Abstract

Graphitic carbon nitride (g-C₃N₄) is a low cost photocatalyst for the visible light-driven degradation of aqueous organic pollutants. Nevertheless, the fast recombination of electron-hole pairs significantly inhibits its photocatalytic activity. Consequently, we report a novel strategy in which the low cost α-Fe₂O₃ photocatalyst is in situ introduced to accelerate the photogenerated charge separation of g-C₃N₄ based on a Z-scheme mechanism. Under the irradiation of visible light, the photocatalytic activity significantly improved on coupling g-C₃N₄ and α-Fe₂O₃, and a peak Rhodamine B (RhB) degradation efficiency of over 99% were observed. This value is significantly higher than that over pure g-C₃N₄ (ca. 67%) and α-Fe₂O₃ (ca. 6%). Additionally, the as-prepared g-C₃N₄/Fe₂O₃ exhibits highly stable photocatalytic activity. The loading of α-Fe₂O₃ on the g-C₃N₄ surface results in the formation of a direct solid-state Z-scheme structure.
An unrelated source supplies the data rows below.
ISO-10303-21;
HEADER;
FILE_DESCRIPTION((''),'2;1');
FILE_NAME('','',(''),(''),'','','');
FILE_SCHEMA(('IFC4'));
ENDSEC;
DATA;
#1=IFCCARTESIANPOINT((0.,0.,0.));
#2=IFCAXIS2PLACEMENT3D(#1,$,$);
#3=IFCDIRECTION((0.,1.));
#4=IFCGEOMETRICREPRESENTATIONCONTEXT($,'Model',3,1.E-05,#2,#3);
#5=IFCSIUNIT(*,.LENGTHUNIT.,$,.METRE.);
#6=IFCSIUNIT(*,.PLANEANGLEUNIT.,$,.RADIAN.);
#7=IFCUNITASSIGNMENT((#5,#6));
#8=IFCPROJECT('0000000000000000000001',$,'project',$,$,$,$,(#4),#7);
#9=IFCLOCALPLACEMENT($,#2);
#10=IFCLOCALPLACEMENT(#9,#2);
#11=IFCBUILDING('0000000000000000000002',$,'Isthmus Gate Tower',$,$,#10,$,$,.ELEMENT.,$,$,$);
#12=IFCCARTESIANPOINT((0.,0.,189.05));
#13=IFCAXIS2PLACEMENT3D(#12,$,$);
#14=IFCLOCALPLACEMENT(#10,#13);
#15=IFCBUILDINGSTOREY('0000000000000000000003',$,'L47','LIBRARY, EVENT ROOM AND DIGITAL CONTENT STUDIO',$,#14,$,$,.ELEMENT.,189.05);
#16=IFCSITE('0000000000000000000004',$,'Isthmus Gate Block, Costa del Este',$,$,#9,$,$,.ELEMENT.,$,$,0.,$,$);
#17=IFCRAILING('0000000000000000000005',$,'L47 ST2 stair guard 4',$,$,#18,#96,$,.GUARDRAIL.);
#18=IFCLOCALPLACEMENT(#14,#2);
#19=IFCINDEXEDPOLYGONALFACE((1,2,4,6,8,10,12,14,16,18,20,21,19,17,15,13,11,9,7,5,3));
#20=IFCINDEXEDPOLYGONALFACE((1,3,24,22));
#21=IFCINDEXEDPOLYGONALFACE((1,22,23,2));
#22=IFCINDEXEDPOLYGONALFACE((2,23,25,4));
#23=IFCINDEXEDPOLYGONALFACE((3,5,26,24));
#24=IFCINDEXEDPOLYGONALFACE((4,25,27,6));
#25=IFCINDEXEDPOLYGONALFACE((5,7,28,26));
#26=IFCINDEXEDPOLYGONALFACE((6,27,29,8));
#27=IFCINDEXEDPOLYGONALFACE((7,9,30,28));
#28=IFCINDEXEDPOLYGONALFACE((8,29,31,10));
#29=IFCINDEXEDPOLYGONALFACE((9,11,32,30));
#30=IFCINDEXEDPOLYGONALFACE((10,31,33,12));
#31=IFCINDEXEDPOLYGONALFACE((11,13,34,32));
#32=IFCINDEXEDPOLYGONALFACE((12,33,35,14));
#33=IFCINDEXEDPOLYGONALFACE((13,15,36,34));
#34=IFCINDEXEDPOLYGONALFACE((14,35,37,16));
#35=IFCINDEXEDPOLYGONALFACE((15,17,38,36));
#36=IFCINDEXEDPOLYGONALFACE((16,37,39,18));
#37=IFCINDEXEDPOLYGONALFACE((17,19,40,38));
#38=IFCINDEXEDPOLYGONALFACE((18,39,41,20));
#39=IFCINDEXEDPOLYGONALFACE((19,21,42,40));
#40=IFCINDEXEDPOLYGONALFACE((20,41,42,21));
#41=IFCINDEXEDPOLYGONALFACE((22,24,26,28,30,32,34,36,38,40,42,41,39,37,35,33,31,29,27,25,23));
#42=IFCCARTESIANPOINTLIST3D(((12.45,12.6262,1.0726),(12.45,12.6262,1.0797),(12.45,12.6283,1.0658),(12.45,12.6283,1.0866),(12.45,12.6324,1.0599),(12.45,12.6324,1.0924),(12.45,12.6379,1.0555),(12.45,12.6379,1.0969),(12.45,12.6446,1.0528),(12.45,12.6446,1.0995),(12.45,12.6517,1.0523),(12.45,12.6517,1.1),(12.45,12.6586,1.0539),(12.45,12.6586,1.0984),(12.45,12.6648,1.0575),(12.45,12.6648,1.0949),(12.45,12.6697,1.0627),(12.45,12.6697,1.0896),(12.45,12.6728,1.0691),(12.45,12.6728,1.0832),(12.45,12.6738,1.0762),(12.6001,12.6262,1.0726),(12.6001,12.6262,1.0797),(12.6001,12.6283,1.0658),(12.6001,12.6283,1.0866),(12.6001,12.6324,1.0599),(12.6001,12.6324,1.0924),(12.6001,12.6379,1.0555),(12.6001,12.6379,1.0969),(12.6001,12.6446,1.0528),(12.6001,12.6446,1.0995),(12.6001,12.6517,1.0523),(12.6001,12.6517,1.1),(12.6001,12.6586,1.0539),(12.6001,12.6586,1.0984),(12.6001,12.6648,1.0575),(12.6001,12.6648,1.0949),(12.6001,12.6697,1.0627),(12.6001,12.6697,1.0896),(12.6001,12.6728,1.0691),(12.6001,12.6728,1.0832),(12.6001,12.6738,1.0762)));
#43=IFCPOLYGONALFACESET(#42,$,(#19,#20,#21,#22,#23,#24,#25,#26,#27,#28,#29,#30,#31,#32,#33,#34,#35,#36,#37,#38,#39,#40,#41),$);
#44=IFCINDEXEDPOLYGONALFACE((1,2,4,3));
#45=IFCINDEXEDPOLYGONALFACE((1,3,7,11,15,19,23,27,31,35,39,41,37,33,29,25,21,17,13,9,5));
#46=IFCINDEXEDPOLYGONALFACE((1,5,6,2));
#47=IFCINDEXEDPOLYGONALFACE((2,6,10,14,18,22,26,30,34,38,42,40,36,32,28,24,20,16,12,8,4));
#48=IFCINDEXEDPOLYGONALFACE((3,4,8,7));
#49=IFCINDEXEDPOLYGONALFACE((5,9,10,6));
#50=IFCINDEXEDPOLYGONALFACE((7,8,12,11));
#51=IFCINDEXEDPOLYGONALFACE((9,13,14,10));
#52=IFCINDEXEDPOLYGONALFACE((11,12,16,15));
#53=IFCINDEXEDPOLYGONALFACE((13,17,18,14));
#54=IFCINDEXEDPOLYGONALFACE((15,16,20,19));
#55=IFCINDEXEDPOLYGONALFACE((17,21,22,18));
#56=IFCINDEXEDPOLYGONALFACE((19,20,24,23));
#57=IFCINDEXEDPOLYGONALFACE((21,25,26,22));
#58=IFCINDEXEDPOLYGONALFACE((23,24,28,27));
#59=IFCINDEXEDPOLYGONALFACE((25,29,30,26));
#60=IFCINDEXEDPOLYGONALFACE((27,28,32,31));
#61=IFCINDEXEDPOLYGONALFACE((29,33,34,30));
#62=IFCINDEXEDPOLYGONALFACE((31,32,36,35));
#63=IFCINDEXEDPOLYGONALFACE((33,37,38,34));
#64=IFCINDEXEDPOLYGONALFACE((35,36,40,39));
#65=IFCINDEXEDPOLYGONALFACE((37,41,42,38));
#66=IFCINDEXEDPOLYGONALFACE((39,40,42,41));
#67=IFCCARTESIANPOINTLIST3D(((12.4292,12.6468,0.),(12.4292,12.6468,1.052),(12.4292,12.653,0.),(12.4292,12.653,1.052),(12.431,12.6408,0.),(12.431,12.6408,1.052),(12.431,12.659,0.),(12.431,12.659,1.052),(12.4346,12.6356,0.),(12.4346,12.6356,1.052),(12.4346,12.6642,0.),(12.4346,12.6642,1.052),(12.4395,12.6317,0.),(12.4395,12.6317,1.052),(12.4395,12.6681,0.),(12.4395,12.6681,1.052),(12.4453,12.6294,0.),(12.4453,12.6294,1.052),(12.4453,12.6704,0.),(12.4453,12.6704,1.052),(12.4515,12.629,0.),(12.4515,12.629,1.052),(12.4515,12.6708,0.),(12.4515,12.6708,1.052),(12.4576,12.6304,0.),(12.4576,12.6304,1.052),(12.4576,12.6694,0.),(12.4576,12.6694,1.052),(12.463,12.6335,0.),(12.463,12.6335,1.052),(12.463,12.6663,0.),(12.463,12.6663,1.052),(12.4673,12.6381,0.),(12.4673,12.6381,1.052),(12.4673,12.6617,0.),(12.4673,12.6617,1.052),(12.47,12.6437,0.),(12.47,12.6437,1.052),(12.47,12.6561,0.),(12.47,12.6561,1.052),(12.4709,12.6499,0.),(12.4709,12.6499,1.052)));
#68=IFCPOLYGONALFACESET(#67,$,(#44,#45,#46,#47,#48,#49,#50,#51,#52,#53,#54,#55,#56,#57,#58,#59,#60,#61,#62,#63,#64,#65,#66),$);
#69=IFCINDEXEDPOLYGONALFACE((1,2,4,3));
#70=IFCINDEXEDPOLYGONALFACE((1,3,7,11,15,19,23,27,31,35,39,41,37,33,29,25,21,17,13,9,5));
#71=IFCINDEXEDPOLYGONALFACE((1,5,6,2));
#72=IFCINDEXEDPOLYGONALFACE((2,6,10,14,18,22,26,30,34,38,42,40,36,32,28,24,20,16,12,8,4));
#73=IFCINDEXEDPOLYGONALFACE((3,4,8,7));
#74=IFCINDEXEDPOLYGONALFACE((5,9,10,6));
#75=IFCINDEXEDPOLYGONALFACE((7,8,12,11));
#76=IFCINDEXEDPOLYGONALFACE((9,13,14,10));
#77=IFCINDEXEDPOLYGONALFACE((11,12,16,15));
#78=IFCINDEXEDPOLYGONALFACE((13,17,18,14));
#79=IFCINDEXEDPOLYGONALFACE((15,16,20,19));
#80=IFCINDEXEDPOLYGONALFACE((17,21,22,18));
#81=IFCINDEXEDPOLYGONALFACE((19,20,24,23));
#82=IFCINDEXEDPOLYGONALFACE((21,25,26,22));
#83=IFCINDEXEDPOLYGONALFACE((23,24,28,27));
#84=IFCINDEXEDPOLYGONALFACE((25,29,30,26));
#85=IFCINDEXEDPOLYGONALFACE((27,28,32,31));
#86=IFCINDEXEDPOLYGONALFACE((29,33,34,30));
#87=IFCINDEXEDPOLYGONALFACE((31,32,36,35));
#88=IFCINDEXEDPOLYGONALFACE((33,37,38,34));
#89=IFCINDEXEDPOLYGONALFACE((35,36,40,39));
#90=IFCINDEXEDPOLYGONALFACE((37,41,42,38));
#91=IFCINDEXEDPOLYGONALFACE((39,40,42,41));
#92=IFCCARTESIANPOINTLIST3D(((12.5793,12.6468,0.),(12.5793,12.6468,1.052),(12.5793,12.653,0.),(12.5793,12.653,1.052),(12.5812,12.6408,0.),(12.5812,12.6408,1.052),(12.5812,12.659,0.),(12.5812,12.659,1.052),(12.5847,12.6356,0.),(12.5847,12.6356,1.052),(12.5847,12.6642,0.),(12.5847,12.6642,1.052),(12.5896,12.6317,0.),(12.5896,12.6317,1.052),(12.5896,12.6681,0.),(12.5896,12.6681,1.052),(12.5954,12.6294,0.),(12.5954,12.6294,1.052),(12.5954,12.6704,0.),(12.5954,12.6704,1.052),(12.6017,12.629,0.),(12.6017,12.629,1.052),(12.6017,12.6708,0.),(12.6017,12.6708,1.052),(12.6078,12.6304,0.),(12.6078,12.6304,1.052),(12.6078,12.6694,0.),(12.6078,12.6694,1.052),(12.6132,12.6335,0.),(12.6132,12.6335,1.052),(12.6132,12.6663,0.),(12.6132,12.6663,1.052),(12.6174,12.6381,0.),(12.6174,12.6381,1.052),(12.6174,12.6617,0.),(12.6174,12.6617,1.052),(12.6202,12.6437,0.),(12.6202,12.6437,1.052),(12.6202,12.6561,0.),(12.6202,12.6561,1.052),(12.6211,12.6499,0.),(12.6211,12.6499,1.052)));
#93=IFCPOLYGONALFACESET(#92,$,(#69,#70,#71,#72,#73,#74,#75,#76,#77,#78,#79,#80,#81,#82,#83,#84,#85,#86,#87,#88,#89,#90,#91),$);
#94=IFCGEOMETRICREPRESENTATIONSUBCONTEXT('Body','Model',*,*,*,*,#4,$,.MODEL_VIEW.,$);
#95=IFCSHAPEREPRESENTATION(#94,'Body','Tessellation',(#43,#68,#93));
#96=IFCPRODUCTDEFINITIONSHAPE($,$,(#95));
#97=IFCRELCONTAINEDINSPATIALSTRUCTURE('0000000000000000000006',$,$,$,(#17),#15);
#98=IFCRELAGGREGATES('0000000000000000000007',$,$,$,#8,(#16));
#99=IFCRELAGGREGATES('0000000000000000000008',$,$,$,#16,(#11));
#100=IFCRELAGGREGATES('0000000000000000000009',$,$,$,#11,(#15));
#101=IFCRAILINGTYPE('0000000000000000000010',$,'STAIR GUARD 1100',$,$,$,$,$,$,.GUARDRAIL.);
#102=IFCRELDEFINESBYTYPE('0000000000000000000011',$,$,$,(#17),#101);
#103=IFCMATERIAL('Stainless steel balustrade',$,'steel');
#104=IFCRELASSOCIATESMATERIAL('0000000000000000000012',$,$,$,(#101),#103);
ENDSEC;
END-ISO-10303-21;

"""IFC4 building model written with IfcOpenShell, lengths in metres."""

from ifc_helpers import new_model, si_unit, direction, frame, origin, origin_2d, place, context, subcontext, project, spatial, circle, extrude, material, type_object, element, save


model = new_model("IFC4")

# Units and contexts
model_context = context("Model", 3, precision=1e-05, world=origin(), true_north=direction((0.0, 1.0)))
body_context = subcontext(model_context, "Body", "Model", "MODEL_VIEW")
ifc_project = project(units=[si_unit("LENGTHUNIT", "METRE"), si_unit("PLANEANGLEUNIT", "RADIAN")], contexts=[model_context])

# Site, building, storey
site_placement = place(None, origin())
site = spatial("IfcSite", under=ifc_project, at=site_placement, Name="Isthmus Gate Block, Costa del Este", CompositionType="ELEMENT", RefElevation=0.0)
building_placement = place(site_placement, origin())
building = spatial("IfcBuilding", under=site, at=building_placement, Name="Isthmus Gate Tower", CompositionType="ELEMENT")
storey_placement = place(building_placement, frame((0.0, 0.0, 189.05)))
storey = spatial("IfcBuildingStorey", under=building, at=storey_placement, Name="L47", Description="LIBRARY, EVENT ROOM AND DIGITAL CONTENT STUDIO", CompositionType="ELEMENT", Elevation=189.05)

# Railing
ifc_material_1 = material(Name="Stainless steel balustrade", Category="steel")
railing_type_1 = type_object("IfcRailingType", Name="STAIR GUARD 1100", PredefinedType="GUARDRAIL", material=ifc_material_1)
railing_1_placement = place(storey_placement, frame((12.45, 12.6499, 0.0)))
element("IfcRailing", 1, at=railing_1_placement, inside=storey, type_object=railing_type_1, Name="L47 ST2 stair guard 4", PredefinedType="GUARDRAIL", context=body_context, shape_type="SweptSolid", body=[
    extrude(circle(Radius=0.0239, at=origin_2d()), frame((0.0, 0.0, 1.0762), z_axis=(1.0, 0.0, 0.0), x_axis=(0.0, 1.0, 0.0)), (0.0, 0.0, 1.0), 0.1501),
    extrude(circle(Radius=0.021, at=origin_2d()), origin(), (0.0, 0.0, 1.0), 1.052),
    extrude(circle(Radius=0.021, at=origin_2d()), frame((0.1501, 0.0, 0.0)), (0.0, 0.0, 1.0), 1.052),
])

save(model, "model.ifc")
The improved separation of electron-hole pairs and strong redox ability of the charge carriers are responsible for the improved photocatalytic activity of g-C₃N₄/Fe₂O₃. Finally, the h⁺ and ˙O₂^- radicals are confirmed as the major oxidation species and a possible photocatalytic mechanism is proposed in the g-C₃N₄/Fe₂O₃ reaction system. This work is of significance to promote the large-scale application of g-C₃N₄-based photocatalysts in water purification.